# 5D Mk III - No Problems (official thread)



## nikkito (Mar 27, 2012)

Since the 5D III was released, all that I'm reading here is about problems. It's pretty normal that that happens, the people who is happy with the camera is not going to post much stuff, they rather be outside taking photos  anyways, point is that after reading here all of this complains (I'm ok with them, do not misunderstand me) I'm kind of getting the impression that the 5D mk III is not so good.

So, my question is:

Is there anyone happy with the camera? Do you find it to be a big step forward from the Mk II?


Cheers!


----------



## prestonpalmer (Mar 27, 2012)

To be honest, the IQ is negligible over my 5D2. Although all I ever really wanted out of my 5D2 was better AF, Slightly faster frame rate, and a dual card slot. So I cant complain. More testing still needs to be done. And a good side by side with the D800. Ill give a more complete review when I put it through the paces at my wedding. Ive found wedding photography to be a good testing ground


----------



## nikkito (Mar 27, 2012)

prestonpalmer said:


> To be honest, the IQ is negligible over my 5D2. Although all I ever really wanted out of my 5D2 was better AF, Slightly faster frame rate, and a dual card slot. So I cant complain. More testing still needs to be done. And a good side by side with the D800. Ill give a more complete review when I put it through the paces *at my wedding*. Ive found wedding photography to be a good testing ground



At your own wedding? You' re my idol ))

Now seriously, thanks for your post. That's what I wanted to read


----------



## nighstar (Mar 27, 2012)

i'm more than happy with my Mark III, but i have never had a Mark II to compare it to. even if the IQ isn't superior to the Mark II, as other has been saying, there is still lots of other things that are. a good camera is more than just IQ, afterall.


----------



## takoman46 (Mar 27, 2012)

I just got the mkIII this past friday so I've only been shooting with it for the pst few days but I am very happy with it. I have been using the mkII and still have it and am keeping it as a backup/secondary body.
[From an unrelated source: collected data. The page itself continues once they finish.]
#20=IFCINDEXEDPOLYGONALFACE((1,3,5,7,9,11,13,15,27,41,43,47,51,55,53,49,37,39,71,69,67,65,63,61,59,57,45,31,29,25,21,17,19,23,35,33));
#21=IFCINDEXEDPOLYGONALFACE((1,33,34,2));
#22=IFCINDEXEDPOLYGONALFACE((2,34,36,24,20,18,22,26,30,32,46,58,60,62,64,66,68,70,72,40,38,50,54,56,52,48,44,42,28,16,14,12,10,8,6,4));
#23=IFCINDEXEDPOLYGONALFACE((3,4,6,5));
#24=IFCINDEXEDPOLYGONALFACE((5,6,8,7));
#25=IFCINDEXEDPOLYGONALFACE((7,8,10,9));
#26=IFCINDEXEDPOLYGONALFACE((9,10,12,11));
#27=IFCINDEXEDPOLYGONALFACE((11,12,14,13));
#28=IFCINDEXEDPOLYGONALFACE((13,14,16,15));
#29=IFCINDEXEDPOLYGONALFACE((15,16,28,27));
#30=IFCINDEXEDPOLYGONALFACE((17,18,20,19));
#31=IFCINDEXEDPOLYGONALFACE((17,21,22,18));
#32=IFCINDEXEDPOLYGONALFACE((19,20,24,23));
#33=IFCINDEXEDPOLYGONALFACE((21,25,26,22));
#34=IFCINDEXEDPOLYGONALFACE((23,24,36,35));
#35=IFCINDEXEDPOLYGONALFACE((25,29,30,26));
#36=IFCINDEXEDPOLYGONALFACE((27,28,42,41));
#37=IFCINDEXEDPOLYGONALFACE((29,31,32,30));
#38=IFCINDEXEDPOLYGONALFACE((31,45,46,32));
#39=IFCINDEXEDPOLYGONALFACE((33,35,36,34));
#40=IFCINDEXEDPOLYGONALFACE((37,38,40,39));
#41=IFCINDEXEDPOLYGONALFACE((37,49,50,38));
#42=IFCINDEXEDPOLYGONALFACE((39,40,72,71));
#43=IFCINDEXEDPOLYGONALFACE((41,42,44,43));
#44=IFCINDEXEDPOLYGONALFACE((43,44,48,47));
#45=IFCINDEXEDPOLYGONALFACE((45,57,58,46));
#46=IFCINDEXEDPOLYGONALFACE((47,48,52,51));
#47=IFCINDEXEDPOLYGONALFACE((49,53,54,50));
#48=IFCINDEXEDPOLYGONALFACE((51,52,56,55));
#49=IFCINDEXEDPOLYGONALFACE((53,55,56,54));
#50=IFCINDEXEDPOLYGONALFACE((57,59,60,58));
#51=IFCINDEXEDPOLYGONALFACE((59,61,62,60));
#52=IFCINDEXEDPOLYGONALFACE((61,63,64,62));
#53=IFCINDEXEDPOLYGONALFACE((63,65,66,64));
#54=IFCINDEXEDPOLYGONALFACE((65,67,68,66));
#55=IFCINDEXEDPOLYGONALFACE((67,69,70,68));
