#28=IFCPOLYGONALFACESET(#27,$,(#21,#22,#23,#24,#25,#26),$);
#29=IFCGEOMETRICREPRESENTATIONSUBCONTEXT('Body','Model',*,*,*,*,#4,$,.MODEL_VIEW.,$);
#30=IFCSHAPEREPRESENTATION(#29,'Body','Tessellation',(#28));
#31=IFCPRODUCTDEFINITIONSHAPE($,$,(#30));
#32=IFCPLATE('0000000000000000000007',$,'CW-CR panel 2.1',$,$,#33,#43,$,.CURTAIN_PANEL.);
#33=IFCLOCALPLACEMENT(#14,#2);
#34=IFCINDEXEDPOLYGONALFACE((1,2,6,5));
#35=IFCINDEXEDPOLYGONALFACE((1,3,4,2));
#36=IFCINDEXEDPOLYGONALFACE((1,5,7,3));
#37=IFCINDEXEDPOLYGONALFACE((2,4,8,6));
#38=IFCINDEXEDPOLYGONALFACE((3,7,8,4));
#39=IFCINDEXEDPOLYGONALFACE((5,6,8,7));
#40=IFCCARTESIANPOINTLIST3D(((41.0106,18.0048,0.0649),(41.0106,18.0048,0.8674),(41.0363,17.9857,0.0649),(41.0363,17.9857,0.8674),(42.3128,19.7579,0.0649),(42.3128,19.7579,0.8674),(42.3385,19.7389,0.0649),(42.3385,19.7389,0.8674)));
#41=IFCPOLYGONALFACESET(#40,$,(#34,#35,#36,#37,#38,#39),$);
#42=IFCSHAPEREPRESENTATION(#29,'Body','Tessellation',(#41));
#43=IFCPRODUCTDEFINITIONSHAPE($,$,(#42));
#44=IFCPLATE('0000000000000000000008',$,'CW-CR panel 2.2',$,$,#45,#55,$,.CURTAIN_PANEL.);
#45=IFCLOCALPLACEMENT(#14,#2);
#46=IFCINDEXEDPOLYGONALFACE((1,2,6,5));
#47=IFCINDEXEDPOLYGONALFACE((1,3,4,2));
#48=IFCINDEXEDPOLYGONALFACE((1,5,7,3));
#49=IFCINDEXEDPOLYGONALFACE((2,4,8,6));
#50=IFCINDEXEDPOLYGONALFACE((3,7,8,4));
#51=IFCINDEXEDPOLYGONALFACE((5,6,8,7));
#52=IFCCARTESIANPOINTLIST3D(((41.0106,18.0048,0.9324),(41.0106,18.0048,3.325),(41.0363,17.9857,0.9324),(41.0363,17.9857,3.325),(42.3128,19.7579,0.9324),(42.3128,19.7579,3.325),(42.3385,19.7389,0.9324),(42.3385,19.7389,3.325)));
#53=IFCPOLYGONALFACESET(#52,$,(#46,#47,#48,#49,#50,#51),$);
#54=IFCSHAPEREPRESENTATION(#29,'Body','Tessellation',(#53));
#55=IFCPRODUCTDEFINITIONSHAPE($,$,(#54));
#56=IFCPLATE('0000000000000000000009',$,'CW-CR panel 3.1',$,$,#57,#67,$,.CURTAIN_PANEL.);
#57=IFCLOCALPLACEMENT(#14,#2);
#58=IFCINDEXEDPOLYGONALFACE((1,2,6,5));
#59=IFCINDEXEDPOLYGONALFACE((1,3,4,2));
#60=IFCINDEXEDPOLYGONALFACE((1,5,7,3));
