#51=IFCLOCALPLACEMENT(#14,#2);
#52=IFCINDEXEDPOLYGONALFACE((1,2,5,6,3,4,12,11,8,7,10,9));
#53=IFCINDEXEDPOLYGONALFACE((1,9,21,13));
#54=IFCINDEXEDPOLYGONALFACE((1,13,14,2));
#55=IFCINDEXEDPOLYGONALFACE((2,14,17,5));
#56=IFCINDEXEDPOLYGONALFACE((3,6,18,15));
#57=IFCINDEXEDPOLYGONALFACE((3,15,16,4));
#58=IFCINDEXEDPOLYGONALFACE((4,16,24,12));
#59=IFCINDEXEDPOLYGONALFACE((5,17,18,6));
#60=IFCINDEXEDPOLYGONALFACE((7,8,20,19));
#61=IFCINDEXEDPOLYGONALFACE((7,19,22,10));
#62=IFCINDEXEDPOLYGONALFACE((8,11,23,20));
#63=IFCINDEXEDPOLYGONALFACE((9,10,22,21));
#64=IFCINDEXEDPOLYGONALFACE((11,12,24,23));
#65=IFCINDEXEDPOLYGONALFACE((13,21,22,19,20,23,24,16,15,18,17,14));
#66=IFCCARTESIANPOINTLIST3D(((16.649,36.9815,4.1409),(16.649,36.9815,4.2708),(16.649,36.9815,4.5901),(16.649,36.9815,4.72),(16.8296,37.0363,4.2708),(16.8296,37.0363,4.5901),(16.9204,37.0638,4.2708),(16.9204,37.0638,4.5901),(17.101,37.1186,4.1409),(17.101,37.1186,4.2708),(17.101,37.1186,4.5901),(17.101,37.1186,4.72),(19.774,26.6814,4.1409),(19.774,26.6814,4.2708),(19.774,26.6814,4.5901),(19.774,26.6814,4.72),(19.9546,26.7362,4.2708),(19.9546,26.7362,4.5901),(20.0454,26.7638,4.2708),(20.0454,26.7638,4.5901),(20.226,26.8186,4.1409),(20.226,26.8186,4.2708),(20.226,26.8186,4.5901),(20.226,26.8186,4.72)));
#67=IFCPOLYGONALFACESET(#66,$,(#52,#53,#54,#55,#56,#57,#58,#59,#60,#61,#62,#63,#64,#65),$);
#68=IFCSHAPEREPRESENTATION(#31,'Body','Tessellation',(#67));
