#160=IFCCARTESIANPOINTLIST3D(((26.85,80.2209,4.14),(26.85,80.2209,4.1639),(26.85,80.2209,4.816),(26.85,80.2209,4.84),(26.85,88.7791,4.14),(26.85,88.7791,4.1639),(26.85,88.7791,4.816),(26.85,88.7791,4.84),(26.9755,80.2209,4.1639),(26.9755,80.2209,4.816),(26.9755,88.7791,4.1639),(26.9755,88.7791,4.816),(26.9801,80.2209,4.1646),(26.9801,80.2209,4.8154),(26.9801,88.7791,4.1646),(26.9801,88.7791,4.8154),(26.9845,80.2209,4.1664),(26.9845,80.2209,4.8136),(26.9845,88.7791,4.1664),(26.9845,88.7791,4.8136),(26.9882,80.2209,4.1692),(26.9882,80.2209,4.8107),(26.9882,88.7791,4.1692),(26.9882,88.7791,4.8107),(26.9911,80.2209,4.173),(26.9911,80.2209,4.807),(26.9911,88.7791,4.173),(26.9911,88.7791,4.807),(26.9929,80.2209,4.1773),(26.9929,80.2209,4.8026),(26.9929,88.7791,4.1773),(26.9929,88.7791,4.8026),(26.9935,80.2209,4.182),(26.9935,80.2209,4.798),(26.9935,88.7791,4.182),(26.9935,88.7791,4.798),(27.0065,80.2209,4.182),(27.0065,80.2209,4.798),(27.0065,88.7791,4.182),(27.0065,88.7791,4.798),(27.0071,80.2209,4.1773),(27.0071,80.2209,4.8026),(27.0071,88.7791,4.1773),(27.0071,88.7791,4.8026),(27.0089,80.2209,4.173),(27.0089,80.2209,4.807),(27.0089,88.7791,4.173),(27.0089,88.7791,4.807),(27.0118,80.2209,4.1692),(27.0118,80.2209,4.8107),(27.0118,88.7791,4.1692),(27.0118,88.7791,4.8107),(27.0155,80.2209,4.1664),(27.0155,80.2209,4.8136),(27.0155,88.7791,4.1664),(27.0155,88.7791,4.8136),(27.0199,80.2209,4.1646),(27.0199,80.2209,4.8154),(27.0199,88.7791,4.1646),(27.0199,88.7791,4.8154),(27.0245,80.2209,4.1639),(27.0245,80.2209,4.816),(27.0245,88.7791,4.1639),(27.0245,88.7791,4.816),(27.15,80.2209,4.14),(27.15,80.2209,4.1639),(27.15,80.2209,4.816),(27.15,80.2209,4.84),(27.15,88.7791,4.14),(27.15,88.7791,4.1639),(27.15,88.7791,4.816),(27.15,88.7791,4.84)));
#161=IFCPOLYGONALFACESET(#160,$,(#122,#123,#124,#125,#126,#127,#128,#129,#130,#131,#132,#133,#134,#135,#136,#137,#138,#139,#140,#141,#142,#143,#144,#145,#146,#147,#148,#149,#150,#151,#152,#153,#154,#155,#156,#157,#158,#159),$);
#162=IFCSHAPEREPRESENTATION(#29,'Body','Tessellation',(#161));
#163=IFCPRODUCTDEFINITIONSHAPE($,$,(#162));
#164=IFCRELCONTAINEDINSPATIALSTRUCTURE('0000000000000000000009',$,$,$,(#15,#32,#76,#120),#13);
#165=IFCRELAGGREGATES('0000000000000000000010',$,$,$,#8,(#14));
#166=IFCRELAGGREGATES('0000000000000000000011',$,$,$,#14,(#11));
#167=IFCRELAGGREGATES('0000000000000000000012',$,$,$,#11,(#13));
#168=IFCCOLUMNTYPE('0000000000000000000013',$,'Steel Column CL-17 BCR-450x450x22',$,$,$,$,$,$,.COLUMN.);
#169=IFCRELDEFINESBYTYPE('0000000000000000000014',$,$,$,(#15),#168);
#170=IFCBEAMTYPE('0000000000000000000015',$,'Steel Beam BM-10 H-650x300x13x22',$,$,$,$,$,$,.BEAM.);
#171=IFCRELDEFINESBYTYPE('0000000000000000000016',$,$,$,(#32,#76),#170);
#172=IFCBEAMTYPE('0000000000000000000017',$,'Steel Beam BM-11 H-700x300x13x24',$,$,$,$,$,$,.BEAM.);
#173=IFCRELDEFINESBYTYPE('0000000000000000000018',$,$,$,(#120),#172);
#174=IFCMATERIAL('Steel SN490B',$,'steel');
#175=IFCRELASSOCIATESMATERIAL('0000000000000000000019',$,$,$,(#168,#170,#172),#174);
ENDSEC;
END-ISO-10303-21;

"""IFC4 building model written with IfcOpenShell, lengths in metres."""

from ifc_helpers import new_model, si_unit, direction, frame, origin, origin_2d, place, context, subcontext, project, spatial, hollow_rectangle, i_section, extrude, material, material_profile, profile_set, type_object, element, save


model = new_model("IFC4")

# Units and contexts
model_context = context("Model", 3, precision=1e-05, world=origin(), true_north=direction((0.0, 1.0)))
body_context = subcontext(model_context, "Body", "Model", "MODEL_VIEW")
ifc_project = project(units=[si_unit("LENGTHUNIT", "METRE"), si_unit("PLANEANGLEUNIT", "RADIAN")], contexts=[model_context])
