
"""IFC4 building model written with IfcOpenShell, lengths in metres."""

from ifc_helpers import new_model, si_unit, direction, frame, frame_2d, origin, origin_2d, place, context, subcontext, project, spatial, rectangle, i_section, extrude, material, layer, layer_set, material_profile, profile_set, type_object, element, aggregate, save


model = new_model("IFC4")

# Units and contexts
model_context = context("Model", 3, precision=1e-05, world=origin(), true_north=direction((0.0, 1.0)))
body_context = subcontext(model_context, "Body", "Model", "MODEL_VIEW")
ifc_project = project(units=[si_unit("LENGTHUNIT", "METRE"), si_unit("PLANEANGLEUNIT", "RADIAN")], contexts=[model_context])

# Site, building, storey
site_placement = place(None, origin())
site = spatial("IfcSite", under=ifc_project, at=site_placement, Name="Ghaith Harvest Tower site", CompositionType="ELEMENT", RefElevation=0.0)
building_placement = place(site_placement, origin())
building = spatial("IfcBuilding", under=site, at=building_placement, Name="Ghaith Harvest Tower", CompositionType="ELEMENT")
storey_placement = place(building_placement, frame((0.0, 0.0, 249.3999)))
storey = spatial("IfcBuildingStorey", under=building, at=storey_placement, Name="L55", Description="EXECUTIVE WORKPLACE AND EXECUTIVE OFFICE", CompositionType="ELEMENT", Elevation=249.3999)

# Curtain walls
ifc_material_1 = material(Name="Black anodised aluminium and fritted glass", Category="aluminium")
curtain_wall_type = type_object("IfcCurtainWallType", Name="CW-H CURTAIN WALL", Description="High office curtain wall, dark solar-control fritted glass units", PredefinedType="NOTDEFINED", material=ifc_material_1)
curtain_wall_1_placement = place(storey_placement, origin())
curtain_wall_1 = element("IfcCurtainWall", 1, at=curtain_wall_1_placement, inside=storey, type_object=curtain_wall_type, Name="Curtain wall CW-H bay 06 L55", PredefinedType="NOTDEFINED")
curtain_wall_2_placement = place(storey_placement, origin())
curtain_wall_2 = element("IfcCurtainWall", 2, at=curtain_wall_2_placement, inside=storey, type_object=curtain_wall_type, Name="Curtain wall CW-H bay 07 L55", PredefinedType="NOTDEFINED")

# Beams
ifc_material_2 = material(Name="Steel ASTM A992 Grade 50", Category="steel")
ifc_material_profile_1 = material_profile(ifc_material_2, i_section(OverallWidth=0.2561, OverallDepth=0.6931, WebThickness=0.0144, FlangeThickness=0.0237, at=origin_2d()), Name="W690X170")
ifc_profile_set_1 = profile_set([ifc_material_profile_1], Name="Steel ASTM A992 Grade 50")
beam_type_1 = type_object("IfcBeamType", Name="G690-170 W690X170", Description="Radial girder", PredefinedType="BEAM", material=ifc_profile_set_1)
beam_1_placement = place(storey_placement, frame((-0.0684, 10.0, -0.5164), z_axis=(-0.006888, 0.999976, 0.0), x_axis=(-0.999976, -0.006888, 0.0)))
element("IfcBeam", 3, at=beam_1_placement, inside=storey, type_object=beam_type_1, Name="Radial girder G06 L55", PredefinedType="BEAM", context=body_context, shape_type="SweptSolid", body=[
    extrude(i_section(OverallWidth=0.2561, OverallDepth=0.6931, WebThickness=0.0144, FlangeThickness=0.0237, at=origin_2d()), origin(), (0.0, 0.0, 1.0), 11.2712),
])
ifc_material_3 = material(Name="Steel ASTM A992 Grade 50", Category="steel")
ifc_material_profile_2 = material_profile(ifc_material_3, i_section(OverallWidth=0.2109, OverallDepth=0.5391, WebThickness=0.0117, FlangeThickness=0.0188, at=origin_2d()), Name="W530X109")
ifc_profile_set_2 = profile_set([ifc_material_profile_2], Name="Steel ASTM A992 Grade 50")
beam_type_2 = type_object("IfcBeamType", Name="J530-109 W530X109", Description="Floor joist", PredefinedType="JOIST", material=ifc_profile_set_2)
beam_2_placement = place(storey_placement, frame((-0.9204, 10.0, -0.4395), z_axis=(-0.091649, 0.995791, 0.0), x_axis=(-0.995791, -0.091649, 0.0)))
I agree that the image quality seems to be quite similar between the mkIII and mkII. I've been shooting a lot of low light stuff with the mkIII so far without a speedlite and it's been great in comparison to the mkII. Mainly the freedom to boost ISO up to 25600 without worrying too much about noise. There is a significant amount of noise at 25600 but I was easily able to correct it with post processing. The AF system is superb IMO, especially focusing in low light. For shallow DOF shots, I still find that I need to focus and recompose though using the center point or specific zone/group of points. I didn't expect the AF system to be able to perceive the exact point of focus that a photographer wanted to achieve anyway since it is after all a camera and not a cyborg with AI, haha. So overall, I think the mkIII is a huge leap forward from the mkII for practical shooting applications. I was able to immediately see how much easier my jobs will be with this new camera and that's all I ever expected. ;D

Anyway, I have also been reading many complaints and reviews criticizing the advancements of the mkIII. I think everyone complaining about it is looney... to be frank about it. I think everyone was expecting some kind of magical miracle camera that was not only capable of taking great shots, but also could walk your dog and wipe your behind after you take a dump (figuratively speaking). If you know how to work a DSLR and compose photos the way you envision the shot, then the mkIII is definitely a very powerful and useful tool that one shouldn't be disappointed about it. You guys know what I mean right?


----------



## melbournite (Mar 27, 2012)

nikkito said:


> So, my question is:
> Is there anyone happy with the camera? Do you find it to be a big step forward from the Mk II?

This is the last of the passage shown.